HistoryA 54-year-old woman presented with typical chest pain during physical training at the gym. She had a history of hypertension controlled with hydrochlorothiazide, without any other cardiovascular risk factor and with neither personal nor family history of ischemic heart disease. She was postmenopausal and had a long-standing history of migraine headaches without hormonal or drug therapy. The patient had no history of clinically important thoracic trauma or invasive chest interventions. Initial electrocardiography (ECG) showed signs of ongoing anterior ST segment elevation myocardial infarction, and emergent coronary angiography with angioplasty and intravascular US were performed.
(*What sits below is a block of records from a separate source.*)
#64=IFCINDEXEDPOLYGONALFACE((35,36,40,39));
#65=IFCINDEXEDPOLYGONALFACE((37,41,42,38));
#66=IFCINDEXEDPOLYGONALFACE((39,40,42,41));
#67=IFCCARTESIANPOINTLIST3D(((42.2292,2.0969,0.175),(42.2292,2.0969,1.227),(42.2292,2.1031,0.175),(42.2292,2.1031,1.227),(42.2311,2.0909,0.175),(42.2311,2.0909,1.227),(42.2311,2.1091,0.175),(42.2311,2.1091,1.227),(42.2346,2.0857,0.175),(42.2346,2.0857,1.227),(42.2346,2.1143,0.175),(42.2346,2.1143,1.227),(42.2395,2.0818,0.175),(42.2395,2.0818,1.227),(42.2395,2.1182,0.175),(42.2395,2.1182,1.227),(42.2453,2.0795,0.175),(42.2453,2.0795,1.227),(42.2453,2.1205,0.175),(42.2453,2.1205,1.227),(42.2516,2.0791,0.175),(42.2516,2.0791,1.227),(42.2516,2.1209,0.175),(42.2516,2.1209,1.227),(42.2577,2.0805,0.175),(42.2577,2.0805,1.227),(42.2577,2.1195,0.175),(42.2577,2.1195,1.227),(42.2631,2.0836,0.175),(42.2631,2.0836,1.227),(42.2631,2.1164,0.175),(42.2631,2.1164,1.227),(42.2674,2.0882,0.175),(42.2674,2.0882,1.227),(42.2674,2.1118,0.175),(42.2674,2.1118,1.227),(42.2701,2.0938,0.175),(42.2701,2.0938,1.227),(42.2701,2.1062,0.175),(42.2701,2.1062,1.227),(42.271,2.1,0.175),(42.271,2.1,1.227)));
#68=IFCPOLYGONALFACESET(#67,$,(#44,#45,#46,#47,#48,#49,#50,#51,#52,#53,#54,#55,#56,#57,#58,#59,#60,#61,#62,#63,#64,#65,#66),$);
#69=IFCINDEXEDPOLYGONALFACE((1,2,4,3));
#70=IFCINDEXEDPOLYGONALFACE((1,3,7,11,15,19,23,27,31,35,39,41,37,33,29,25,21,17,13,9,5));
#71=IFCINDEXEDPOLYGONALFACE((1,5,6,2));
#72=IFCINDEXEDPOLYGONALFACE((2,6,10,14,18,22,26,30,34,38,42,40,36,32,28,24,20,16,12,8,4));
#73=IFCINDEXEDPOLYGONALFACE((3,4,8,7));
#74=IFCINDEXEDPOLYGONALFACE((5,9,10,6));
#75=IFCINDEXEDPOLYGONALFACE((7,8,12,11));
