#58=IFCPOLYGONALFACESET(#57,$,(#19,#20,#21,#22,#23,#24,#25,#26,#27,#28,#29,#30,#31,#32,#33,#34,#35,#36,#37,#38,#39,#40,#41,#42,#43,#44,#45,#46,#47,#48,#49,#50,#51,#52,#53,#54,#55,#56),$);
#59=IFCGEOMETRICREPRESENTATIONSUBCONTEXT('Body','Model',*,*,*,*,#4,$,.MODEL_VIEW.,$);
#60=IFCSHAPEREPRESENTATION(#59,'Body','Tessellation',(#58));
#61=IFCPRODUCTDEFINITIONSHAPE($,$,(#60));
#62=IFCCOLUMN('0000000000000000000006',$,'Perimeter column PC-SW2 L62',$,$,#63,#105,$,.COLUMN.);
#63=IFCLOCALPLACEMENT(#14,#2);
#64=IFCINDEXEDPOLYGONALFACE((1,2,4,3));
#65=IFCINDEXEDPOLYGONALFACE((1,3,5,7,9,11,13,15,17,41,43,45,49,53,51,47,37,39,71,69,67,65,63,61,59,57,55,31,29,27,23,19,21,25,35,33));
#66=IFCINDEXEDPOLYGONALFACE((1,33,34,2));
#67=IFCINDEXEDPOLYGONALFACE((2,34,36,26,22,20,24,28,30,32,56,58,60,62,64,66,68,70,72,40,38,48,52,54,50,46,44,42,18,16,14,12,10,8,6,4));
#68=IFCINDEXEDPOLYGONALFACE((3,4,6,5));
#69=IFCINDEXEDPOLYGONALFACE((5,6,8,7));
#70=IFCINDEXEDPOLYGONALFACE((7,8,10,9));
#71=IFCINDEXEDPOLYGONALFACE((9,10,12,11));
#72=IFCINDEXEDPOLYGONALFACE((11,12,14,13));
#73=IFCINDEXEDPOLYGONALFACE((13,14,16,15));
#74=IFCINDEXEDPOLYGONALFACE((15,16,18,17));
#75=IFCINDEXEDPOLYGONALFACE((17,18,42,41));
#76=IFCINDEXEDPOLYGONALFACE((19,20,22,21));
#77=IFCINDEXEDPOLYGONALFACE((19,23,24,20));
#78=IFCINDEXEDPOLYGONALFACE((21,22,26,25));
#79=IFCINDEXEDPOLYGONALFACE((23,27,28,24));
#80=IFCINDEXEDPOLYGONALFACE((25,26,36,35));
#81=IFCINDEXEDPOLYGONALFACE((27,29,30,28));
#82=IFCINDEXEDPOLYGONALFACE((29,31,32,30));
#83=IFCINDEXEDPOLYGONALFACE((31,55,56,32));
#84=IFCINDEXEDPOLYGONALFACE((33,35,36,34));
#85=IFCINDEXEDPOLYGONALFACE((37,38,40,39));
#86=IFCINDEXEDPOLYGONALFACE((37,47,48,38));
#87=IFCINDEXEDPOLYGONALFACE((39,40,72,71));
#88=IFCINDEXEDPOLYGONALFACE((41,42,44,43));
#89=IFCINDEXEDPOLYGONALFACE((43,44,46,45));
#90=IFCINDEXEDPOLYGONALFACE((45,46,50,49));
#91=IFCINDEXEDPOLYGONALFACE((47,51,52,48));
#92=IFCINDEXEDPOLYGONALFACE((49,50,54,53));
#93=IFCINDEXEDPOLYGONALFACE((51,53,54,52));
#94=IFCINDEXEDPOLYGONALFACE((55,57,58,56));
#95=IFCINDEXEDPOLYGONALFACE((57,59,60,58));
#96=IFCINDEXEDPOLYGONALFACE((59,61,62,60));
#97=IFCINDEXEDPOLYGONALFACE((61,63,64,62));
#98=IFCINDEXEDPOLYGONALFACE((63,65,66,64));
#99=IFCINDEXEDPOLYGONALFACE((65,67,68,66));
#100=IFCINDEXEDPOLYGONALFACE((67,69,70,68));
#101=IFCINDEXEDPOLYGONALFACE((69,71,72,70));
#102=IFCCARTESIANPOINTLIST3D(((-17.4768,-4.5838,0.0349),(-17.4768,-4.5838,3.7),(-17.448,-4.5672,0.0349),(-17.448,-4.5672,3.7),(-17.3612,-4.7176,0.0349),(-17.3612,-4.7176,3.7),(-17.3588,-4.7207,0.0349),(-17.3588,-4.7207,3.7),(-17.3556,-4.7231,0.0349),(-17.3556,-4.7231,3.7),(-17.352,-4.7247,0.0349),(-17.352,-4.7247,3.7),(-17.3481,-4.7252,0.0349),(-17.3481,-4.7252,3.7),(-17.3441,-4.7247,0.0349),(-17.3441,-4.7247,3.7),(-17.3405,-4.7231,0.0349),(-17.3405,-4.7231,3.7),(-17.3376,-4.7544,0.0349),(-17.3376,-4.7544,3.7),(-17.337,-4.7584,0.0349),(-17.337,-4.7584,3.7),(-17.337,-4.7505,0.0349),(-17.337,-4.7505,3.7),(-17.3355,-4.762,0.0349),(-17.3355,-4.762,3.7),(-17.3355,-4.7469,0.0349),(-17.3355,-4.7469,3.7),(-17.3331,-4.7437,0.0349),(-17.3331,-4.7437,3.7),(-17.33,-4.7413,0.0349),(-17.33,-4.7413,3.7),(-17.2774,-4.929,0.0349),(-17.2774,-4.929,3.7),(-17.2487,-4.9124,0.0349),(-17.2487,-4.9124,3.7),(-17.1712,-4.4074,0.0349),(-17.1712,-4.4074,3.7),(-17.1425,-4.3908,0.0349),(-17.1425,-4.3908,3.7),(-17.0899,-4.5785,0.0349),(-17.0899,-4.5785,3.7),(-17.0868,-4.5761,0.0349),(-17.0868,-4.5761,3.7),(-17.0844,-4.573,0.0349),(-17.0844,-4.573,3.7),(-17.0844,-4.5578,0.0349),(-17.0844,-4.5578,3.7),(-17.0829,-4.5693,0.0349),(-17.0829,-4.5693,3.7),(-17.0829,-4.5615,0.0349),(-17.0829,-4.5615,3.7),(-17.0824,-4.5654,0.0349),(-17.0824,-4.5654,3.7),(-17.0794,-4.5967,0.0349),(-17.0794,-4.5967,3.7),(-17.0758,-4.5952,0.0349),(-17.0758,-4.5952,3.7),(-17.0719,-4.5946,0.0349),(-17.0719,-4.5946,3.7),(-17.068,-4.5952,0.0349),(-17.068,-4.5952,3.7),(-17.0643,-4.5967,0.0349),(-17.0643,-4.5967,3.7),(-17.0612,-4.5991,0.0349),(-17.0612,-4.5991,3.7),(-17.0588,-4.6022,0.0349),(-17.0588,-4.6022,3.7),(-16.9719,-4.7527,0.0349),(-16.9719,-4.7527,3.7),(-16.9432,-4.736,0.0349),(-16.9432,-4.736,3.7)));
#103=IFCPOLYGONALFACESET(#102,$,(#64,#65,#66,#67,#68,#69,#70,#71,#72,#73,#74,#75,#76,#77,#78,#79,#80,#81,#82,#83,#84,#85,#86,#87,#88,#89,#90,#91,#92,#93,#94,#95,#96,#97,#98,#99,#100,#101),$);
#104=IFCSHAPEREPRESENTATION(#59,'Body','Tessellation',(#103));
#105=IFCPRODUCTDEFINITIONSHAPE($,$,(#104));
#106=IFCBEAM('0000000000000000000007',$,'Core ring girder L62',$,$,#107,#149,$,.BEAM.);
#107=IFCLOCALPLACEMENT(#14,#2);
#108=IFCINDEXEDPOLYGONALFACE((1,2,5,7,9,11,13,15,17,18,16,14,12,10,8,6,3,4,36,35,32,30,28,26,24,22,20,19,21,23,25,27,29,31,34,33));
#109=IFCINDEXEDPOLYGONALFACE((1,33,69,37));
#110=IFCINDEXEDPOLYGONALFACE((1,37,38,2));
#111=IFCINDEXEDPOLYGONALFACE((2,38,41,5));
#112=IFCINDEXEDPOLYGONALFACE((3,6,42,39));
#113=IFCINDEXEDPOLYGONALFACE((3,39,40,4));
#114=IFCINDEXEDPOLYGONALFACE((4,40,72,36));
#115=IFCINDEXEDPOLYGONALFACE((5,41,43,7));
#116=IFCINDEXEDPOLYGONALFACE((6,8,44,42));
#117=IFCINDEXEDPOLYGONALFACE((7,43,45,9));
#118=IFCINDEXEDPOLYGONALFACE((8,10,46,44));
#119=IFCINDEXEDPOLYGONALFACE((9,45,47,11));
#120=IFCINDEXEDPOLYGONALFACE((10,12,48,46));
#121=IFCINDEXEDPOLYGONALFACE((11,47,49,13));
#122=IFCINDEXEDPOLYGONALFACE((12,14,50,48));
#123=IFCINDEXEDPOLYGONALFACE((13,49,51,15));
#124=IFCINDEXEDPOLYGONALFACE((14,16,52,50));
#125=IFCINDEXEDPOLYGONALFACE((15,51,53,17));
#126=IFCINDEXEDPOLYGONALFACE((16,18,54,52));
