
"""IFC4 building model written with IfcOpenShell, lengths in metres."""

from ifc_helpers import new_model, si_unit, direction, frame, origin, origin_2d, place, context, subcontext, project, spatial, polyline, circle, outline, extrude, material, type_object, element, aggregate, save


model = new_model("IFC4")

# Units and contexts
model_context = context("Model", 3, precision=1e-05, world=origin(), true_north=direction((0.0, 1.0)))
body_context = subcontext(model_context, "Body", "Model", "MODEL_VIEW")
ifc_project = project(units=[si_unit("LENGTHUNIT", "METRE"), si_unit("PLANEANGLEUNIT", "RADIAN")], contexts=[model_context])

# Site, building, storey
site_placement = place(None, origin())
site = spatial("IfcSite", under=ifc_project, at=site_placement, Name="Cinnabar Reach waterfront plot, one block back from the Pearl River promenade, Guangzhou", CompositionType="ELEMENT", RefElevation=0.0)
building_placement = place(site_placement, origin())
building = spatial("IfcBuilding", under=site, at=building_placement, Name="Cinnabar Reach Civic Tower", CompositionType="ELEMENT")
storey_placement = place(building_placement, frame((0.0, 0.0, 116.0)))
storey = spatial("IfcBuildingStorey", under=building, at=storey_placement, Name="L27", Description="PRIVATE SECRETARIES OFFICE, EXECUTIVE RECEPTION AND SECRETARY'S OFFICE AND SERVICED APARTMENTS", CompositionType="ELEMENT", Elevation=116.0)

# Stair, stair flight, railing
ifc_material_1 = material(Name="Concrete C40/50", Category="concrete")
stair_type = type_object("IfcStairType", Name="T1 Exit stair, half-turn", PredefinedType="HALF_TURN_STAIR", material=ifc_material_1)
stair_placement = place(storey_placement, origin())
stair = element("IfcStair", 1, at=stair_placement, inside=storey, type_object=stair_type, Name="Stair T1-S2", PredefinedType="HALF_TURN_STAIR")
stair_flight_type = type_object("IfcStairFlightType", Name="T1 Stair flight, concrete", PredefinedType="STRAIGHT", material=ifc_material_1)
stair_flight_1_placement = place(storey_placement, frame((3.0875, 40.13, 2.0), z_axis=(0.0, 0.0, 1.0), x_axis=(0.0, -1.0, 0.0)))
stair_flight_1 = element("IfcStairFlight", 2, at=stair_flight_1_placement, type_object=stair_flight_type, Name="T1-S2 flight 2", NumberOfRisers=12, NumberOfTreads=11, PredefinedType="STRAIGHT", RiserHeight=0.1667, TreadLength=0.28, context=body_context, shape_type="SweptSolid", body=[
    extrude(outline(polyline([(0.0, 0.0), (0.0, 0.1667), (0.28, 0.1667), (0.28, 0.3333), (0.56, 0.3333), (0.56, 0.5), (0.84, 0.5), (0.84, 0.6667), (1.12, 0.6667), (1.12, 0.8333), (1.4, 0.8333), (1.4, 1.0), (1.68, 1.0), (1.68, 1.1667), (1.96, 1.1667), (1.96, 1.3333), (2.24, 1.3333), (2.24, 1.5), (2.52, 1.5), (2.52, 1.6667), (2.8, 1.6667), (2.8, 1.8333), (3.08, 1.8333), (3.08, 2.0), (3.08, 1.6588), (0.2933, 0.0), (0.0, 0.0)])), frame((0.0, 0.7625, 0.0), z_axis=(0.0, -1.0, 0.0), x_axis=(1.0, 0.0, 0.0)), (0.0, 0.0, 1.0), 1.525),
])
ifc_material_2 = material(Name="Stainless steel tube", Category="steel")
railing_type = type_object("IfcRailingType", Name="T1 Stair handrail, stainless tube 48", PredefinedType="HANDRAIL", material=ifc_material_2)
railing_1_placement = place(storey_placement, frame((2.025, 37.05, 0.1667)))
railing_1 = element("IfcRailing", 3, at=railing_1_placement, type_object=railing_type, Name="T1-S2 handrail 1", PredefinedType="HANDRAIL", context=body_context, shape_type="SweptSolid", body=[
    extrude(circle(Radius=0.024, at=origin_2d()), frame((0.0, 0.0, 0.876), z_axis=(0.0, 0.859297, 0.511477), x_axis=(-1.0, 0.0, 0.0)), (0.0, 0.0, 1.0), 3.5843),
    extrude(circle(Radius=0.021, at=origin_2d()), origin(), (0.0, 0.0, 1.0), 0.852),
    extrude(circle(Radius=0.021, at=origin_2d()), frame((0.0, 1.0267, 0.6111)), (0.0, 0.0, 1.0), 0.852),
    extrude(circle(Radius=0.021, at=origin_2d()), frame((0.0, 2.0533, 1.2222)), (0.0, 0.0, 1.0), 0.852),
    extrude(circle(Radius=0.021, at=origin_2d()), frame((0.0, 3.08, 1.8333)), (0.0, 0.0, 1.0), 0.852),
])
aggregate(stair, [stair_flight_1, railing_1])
Maximal level of high-sensitive T troponins was 820 ng/L (normal, <13 ng/L), while echocardiography showed a normal left ventricular ejection fraction, with no apparent regional wall motion abnormalities. General physical examination findings were unremarkable, excluding ligamentous hyperlaxity and joint instability. C-reactive protein, rheumatoid factor, antinuclear antibody, cytoplasmic antineutrophil cytoplasmic antibody, and angiotensin-converting enzyme blood test results were negative. For further evaluation, arterial phase ECG-synchronized CT angiography from the skull base to the pubis symphysis was performed.

Case 270.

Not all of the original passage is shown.